Ireland End-to-End 2025 – Day 7: Lough Rynn to Enniskillen, 59.8k, 632m climbed

When we woke, Lough Rynn was gently steaming under a dappled blue sky:

Unfortunately, it didn’t last:

For the first time, the sun deserted us – but not the birdsong. So let’s talk about nature.
Rural Ireland seems to have many more trees, bushes and hedgerows than equivalent parts of the UK:

I’ve also been sifting more bugs through my teeth than I’m used to when cycling at home. And yesterday, Jon had to scrub flies off our windscreen, which neither of us could remember doing in years.
With all this shelter and food, it should be no surprise that Irish skies seem to be alive with birds. So far, I’ve identified (often with the help of my Merlin app) song thrushes, goldfinches, wrens, chaffinches, choughs, jackdaws, buzzards, willow warblers, blackcaps, chiffchaffs, swallows, kites and even a sparrow hawk. Today, I heard my first cuckoo. But if I had to guess Ireland’s commonest bird, I’d pick the rook, because they and their scruffy rookeries are everywhere – this was taken a couple of days ago:

And it’s not just birds that thrive in Ireland’s countryside. Otter, mink and the very rare pine marten have been seen near this nature trail close to the start of my ride today:

And towards the end, I spent a special few minutes in the company of an athletic little red squirrel who leapt from branch to branch in the trees beside me and then crossed the road high wire style over my head. This was the best shot I could capture:

He was definitely my highlight of the day.
Other moments of note include this touching memorial in Mohill this morning. In 3 days it’ll be exactly 113 years since poor Matthew Sadlier went down with the Titanic – too long ago for there to be anyone left who remembers him.

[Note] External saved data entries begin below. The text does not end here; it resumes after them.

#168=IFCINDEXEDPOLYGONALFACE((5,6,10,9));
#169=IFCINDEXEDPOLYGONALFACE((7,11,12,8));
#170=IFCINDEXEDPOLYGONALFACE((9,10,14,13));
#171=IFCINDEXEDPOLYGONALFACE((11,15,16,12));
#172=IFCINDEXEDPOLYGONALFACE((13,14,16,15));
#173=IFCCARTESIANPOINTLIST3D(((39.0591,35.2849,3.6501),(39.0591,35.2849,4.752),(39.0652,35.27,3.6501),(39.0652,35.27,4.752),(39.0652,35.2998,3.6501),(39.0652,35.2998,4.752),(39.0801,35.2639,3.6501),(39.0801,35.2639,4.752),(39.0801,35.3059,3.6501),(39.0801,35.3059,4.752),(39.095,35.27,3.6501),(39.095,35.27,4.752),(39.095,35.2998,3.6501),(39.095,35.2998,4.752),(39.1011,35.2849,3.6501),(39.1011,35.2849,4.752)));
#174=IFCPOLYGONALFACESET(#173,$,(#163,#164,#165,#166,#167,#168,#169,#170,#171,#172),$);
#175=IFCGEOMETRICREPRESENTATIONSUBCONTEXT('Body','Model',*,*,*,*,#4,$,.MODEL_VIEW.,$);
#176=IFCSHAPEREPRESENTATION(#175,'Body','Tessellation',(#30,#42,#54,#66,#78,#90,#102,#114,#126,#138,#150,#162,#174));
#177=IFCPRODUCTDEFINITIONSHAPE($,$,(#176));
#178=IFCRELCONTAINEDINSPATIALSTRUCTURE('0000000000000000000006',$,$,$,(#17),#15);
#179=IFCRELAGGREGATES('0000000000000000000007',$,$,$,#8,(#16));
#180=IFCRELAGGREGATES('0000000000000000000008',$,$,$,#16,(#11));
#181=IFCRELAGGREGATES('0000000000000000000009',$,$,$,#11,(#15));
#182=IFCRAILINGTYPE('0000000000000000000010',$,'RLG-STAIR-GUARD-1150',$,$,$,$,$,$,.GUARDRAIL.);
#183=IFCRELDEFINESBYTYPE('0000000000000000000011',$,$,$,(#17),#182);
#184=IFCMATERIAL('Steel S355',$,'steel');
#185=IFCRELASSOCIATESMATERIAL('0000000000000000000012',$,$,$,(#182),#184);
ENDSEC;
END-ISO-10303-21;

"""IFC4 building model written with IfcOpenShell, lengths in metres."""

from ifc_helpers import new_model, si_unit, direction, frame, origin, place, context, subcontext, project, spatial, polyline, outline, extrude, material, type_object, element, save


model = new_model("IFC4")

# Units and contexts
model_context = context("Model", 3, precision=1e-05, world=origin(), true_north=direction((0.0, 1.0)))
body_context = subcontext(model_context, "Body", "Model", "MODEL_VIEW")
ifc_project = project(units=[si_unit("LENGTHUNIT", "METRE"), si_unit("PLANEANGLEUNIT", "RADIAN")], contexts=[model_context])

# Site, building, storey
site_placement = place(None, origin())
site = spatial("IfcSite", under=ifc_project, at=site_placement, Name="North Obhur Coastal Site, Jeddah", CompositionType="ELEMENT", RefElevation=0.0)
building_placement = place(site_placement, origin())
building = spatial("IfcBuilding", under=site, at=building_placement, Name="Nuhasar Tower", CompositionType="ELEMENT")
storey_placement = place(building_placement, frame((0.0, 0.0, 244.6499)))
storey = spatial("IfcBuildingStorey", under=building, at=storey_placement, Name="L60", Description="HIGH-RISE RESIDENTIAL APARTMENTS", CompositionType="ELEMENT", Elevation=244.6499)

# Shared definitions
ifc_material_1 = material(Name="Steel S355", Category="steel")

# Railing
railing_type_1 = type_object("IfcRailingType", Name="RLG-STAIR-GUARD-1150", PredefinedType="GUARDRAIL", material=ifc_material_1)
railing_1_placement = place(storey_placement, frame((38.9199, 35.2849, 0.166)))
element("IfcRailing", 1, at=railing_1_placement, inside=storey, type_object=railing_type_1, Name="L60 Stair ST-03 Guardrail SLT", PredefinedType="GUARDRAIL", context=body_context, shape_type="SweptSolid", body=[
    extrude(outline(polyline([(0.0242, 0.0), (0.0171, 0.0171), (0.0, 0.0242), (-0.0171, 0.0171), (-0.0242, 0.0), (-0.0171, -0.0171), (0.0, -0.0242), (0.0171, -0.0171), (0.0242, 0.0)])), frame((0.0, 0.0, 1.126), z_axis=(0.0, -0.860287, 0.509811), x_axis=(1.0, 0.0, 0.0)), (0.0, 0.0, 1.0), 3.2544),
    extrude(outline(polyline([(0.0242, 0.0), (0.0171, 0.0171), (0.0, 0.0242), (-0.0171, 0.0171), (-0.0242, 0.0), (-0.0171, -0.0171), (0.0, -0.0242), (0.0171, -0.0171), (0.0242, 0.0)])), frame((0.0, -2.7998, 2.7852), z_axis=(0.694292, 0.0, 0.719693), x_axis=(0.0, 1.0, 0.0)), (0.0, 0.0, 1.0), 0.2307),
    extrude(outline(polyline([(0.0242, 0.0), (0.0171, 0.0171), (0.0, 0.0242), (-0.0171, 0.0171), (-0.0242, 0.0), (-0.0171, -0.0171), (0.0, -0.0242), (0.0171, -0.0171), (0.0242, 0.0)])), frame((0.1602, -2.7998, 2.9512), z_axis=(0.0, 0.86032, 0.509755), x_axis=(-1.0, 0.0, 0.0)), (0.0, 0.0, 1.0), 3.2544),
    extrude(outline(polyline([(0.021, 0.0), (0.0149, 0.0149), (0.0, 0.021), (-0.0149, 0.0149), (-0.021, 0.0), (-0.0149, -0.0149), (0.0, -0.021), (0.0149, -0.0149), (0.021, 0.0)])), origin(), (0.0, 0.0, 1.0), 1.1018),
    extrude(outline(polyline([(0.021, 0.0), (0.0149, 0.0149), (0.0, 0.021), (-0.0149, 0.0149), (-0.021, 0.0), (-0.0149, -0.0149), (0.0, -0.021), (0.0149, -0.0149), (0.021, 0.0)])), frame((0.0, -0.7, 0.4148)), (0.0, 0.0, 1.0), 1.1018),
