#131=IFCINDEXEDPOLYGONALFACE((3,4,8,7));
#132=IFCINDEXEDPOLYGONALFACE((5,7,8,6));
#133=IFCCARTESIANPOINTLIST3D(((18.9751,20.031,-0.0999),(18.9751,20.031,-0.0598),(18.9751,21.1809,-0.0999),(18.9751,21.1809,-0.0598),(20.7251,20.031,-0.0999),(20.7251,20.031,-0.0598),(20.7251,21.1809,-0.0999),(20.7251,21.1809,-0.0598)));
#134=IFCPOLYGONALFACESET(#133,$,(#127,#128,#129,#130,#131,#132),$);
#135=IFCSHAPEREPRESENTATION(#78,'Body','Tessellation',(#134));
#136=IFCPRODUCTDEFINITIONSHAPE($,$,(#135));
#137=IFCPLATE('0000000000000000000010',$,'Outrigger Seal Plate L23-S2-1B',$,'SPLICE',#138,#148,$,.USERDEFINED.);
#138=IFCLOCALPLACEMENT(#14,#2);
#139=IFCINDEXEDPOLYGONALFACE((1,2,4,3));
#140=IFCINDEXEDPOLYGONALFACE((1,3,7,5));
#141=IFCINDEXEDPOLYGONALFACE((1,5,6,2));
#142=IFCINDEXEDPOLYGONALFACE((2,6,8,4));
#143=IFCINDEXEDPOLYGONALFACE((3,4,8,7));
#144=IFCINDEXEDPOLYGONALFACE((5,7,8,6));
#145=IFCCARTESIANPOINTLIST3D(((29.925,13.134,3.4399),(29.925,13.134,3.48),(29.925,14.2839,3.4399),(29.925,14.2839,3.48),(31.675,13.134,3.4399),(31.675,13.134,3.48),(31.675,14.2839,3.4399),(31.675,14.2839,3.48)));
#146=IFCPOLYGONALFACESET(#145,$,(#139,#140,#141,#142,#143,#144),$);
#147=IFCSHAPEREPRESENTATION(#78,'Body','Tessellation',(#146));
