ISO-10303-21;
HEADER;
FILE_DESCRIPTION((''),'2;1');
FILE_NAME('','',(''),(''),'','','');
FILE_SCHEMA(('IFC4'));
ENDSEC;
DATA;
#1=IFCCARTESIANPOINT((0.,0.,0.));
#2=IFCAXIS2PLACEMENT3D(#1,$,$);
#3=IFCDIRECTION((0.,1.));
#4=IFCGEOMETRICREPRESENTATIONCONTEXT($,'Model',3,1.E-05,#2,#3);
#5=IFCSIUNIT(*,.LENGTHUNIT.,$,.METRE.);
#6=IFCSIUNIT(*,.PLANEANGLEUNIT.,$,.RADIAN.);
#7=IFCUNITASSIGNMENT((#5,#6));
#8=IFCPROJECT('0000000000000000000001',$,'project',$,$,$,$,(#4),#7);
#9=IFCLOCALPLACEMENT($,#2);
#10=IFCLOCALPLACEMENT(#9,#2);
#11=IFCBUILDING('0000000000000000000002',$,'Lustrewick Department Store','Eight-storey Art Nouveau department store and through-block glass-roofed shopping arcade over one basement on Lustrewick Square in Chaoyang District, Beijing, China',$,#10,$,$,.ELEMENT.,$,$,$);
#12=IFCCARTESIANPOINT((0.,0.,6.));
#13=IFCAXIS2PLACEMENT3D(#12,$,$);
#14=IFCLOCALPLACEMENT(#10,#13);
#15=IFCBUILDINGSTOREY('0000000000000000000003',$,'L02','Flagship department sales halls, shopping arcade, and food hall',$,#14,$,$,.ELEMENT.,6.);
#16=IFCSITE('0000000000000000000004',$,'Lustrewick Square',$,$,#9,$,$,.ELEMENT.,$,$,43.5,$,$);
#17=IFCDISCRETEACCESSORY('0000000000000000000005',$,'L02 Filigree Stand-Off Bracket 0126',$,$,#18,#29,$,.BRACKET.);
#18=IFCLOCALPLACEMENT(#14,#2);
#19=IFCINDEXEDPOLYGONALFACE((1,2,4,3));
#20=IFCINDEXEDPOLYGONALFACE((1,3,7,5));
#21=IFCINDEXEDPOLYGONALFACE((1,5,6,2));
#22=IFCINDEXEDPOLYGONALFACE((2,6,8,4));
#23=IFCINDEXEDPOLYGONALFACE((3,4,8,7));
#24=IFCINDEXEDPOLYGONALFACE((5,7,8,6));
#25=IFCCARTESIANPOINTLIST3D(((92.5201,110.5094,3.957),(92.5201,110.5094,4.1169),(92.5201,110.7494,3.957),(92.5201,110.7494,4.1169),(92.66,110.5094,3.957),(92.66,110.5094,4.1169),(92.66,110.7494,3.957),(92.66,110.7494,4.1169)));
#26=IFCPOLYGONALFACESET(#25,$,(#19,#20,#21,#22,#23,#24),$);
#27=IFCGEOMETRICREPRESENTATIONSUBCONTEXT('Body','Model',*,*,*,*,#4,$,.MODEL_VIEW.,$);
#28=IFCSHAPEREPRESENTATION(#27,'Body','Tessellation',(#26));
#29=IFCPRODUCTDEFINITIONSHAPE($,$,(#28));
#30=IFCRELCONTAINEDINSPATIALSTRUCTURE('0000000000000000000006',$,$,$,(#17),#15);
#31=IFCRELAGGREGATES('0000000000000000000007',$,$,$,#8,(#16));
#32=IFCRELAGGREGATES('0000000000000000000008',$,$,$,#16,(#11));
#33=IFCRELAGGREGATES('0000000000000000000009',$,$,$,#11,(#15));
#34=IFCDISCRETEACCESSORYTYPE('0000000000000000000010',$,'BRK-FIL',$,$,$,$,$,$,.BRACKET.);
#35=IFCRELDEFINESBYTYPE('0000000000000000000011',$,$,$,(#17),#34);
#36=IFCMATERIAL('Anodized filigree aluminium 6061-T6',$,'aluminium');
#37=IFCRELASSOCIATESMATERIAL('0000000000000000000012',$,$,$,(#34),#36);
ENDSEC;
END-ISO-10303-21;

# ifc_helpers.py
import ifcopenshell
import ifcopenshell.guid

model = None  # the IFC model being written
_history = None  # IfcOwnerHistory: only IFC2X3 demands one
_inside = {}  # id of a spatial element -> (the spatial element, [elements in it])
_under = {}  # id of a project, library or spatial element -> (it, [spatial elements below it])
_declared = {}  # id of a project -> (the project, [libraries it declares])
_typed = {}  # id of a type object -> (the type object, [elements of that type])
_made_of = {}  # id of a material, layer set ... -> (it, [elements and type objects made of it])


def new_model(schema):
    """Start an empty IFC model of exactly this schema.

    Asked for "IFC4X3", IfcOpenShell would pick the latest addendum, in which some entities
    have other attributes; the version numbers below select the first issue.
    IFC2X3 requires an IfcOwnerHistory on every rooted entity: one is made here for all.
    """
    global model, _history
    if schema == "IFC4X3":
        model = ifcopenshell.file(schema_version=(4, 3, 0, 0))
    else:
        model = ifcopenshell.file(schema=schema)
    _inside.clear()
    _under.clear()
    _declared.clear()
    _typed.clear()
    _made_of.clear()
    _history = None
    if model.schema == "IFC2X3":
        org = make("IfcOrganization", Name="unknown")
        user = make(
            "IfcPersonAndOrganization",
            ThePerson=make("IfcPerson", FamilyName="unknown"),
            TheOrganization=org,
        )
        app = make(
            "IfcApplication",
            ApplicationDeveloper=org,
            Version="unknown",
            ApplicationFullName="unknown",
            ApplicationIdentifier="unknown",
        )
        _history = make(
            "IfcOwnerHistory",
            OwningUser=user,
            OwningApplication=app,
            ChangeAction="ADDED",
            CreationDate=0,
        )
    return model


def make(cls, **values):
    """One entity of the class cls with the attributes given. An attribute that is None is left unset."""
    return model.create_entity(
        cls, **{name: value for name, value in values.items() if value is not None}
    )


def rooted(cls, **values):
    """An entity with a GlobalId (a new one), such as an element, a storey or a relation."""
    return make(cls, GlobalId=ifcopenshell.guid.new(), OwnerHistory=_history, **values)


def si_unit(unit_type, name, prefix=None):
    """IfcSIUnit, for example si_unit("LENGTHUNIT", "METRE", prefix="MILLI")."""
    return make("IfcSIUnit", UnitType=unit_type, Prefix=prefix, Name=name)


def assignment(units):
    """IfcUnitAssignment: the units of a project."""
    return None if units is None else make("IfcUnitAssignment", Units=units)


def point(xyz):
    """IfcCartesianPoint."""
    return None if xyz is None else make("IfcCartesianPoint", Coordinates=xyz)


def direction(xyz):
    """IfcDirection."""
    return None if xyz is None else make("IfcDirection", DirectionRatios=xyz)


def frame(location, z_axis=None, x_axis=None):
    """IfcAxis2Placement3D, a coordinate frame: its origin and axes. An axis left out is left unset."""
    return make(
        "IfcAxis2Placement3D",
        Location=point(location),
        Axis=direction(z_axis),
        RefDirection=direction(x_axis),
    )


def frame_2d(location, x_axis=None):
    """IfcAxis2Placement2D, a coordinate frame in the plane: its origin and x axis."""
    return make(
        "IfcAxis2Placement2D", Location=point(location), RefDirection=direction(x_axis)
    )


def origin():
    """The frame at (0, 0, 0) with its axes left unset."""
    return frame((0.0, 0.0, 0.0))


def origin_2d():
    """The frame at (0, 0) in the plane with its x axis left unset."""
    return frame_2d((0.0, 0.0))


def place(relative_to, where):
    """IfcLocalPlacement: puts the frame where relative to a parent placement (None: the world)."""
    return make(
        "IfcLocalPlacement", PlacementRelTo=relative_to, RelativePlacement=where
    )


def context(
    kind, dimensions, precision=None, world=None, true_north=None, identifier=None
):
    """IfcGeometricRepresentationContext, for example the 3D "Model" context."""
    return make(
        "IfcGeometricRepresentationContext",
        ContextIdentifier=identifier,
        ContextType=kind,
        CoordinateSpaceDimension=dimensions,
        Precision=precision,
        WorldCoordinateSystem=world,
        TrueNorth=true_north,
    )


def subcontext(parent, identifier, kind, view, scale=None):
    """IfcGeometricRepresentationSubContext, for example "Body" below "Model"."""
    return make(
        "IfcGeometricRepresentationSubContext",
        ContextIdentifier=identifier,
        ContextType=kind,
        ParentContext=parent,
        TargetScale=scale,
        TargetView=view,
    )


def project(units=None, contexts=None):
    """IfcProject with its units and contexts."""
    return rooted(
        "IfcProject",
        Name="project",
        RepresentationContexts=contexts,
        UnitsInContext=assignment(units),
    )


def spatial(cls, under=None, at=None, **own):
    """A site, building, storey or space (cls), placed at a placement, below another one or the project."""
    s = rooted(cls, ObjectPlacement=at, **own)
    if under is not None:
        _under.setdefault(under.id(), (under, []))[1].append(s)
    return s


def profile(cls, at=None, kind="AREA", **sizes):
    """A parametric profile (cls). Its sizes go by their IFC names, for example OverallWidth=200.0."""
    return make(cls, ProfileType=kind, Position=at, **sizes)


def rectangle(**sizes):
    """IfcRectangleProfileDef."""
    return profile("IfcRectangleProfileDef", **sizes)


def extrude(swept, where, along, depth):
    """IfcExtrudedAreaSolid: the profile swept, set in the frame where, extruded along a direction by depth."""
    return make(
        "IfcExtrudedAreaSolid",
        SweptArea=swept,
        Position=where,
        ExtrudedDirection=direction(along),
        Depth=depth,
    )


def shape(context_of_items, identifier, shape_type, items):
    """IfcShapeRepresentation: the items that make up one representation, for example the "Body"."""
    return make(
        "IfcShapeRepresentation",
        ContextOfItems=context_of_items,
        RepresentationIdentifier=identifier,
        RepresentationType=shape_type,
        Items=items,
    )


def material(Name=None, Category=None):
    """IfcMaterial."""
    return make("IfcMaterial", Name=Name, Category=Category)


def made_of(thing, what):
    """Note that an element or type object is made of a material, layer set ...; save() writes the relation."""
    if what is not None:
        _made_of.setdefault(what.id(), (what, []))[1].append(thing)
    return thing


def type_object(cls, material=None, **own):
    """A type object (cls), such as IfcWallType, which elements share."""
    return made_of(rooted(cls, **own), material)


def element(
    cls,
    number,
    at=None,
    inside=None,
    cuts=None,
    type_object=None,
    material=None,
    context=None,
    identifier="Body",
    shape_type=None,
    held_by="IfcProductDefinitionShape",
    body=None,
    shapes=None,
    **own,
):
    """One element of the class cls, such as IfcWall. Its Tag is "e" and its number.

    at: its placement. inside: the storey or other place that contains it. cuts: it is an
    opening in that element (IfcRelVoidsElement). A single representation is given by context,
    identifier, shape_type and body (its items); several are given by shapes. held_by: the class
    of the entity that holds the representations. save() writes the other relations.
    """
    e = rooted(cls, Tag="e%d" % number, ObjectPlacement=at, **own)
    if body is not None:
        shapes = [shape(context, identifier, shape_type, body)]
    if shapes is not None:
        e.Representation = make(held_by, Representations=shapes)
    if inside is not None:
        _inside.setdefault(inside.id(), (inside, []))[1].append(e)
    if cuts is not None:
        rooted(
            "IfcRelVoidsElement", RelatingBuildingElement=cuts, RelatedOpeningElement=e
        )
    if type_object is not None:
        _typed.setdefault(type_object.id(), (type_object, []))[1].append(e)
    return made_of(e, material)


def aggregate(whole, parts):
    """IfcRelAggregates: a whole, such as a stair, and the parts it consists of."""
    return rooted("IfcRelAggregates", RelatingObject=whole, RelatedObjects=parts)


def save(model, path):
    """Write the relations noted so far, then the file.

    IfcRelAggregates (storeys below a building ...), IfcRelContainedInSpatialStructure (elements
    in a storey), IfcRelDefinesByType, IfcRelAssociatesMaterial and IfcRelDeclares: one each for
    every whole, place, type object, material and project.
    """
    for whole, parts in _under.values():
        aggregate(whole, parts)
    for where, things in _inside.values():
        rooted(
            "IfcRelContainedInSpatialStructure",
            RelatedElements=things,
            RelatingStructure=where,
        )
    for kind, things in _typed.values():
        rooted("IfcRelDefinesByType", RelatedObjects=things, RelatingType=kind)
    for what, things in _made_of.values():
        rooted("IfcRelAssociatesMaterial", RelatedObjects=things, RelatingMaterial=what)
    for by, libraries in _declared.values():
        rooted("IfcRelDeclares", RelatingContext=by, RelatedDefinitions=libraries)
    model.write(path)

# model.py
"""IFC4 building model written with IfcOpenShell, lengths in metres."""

from ifc_helpers import new_model, si_unit, direction, frame, origin, origin_2d, place, context, subcontext, project, spatial, rectangle, extrude, material, type_object, element, save


model = new_model("IFC4")

# Units and contexts
model_context = context("Model", 3, precision=1e-05, world=origin(), true_north=direction((0.0, 1.0)))
body_context = subcontext(model_context, "Body", "Model", "MODEL_VIEW")
ifc_project = project(units=[si_unit("LENGTHUNIT", "METRE"), si_unit("PLANEANGLEUNIT", "RADIAN")], contexts=[model_context])

# Site, building, storey
site_placement = place(None, origin())
site = spatial("IfcSite", under=ifc_project, at=site_placement, Name="Lustrewick Square", CompositionType="ELEMENT", RefElevation=43.5)
building_placement = place(site_placement, origin())
building = spatial("IfcBuilding", under=site, at=building_placement, Name="Lustrewick Department Store", Description="Eight-storey Art Nouveau department store and through-block glass-roofed shopping arcade over one basement on Lustrewick Square in Chaoyang District, Beijing, China", CompositionType="ELEMENT")
storey_placement = place(building_placement, frame((0.0, 0.0, 6.0)))
storey = spatial("IfcBuildingStorey", under=building, at=storey_placement, Name="L02", Description="Flagship department sales halls, shopping arcade, and food hall", CompositionType="ELEMENT", Elevation=6.0)

# Discrete accessory
ifc_material_1 = material(Name="Anodized filigree aluminium 6061-T6", Category="aluminium")
discrete_accessory_type = type_object("IfcDiscreteAccessoryType", Name="BRK-FIL", PredefinedType="BRACKET", material=ifc_material_1)
discrete_accessory_placement = place(storey_placement, frame((92.5901, 110.6294, 3.957), z_axis=(0.0, 0.0, 1.0), x_axis=(0.0, 1.0, 0.0)))
element("IfcDiscreteAccessory", 1, at=discrete_accessory_placement, inside=storey, type_object=discrete_accessory_type, Name="L02 Filigree Stand-Off Bracket 0126", PredefinedType="BRACKET", context=body_context, shape_type="SweptSolid", body=[
    extrude(rectangle(XDim=0.24, YDim=0.1399, at=origin_2d()), origin(), (0.0, 0.0, 1.0), 0.1599),
])

save(model, "model.ifc")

But the town keeps his memory alive nonetheless

In the Corner Cafe in Ballinamore I found about 15 members of the Smugglers Cycle Club of Ballyconnell, half of them women. As a lone touring cyclist, it’s always good to ‘find your people’, and these were a friendly bunch. But there can be downsides to arriving second: when I came to order, I discovered they had almost cleaned out the cake selection. On the plus side, my cinnamon Danish (sic) contained so much sugar, I had no trouble with the rest of the hills

(Catholics please forgive me but) I felt there was whiff of the Monty Python about this sign

And (Australians, ditto) a whiff of the outback about this one

Many of the properties in the small town of Swanlinbar were empty, but they weren’t unattractive, thanks to the creativity of an enterprising soul who’d painted pretend curtains in the bricked up windows and a cartoon dog by the fake front door

International borders always fascinate me – the way that an arbitrary line on a piece of paper can determine so many differences between one side and the other. Clearly, the border between the Republic of Ireland and the UK/Northern Ireland has been as consequential as any over the years, and remains so today, with all the post-Brexit complexities. So I’d been eager to see how it would be marked. It turned out that the answer was ‘not at all’. This was the only sign that I had crossed into the UK (because in Ireland they say ‘Yield’):

To my right at this crossroads, I spied an elderly man in blue overalls and a baseball cap, working in his front garden.
Me: Hello there, I was wondering where the border was?
Overalls Man: Back that way. It’s where you crossed the little stream. You’ll know because the surface is good this side, very bad that side (wry smile)
Me (returning the smile, but thinking that hadn’t been my experience): There was no sign at all!
OM: Well, for years there wasn’t even a road – they blew it up.
Me: You must’ve seen a lot of changes
OM: Oh yes. There used to be soldiers stationed across the road there (pointing in front of his house). And they used to call this (Moher Road) ‘bombers alley’ there were so many bombs set off. You had to keep your mouth shut or they’d take you away and you’d never come back.
He didn’t specify who would do this. I didn’t ask.
OM: Where are you riding to then?
Me: Mizen to Malin
OM: Oh you’re not! On your own? I had a group of 4 or 6 come by last year doing that. Gave them a cup of tea. Would you like a cup of tea?
I declined, and pedalled on, but part of me wishes I’d accepted. I’m sure he would’ve had many more fascinating stories to tell.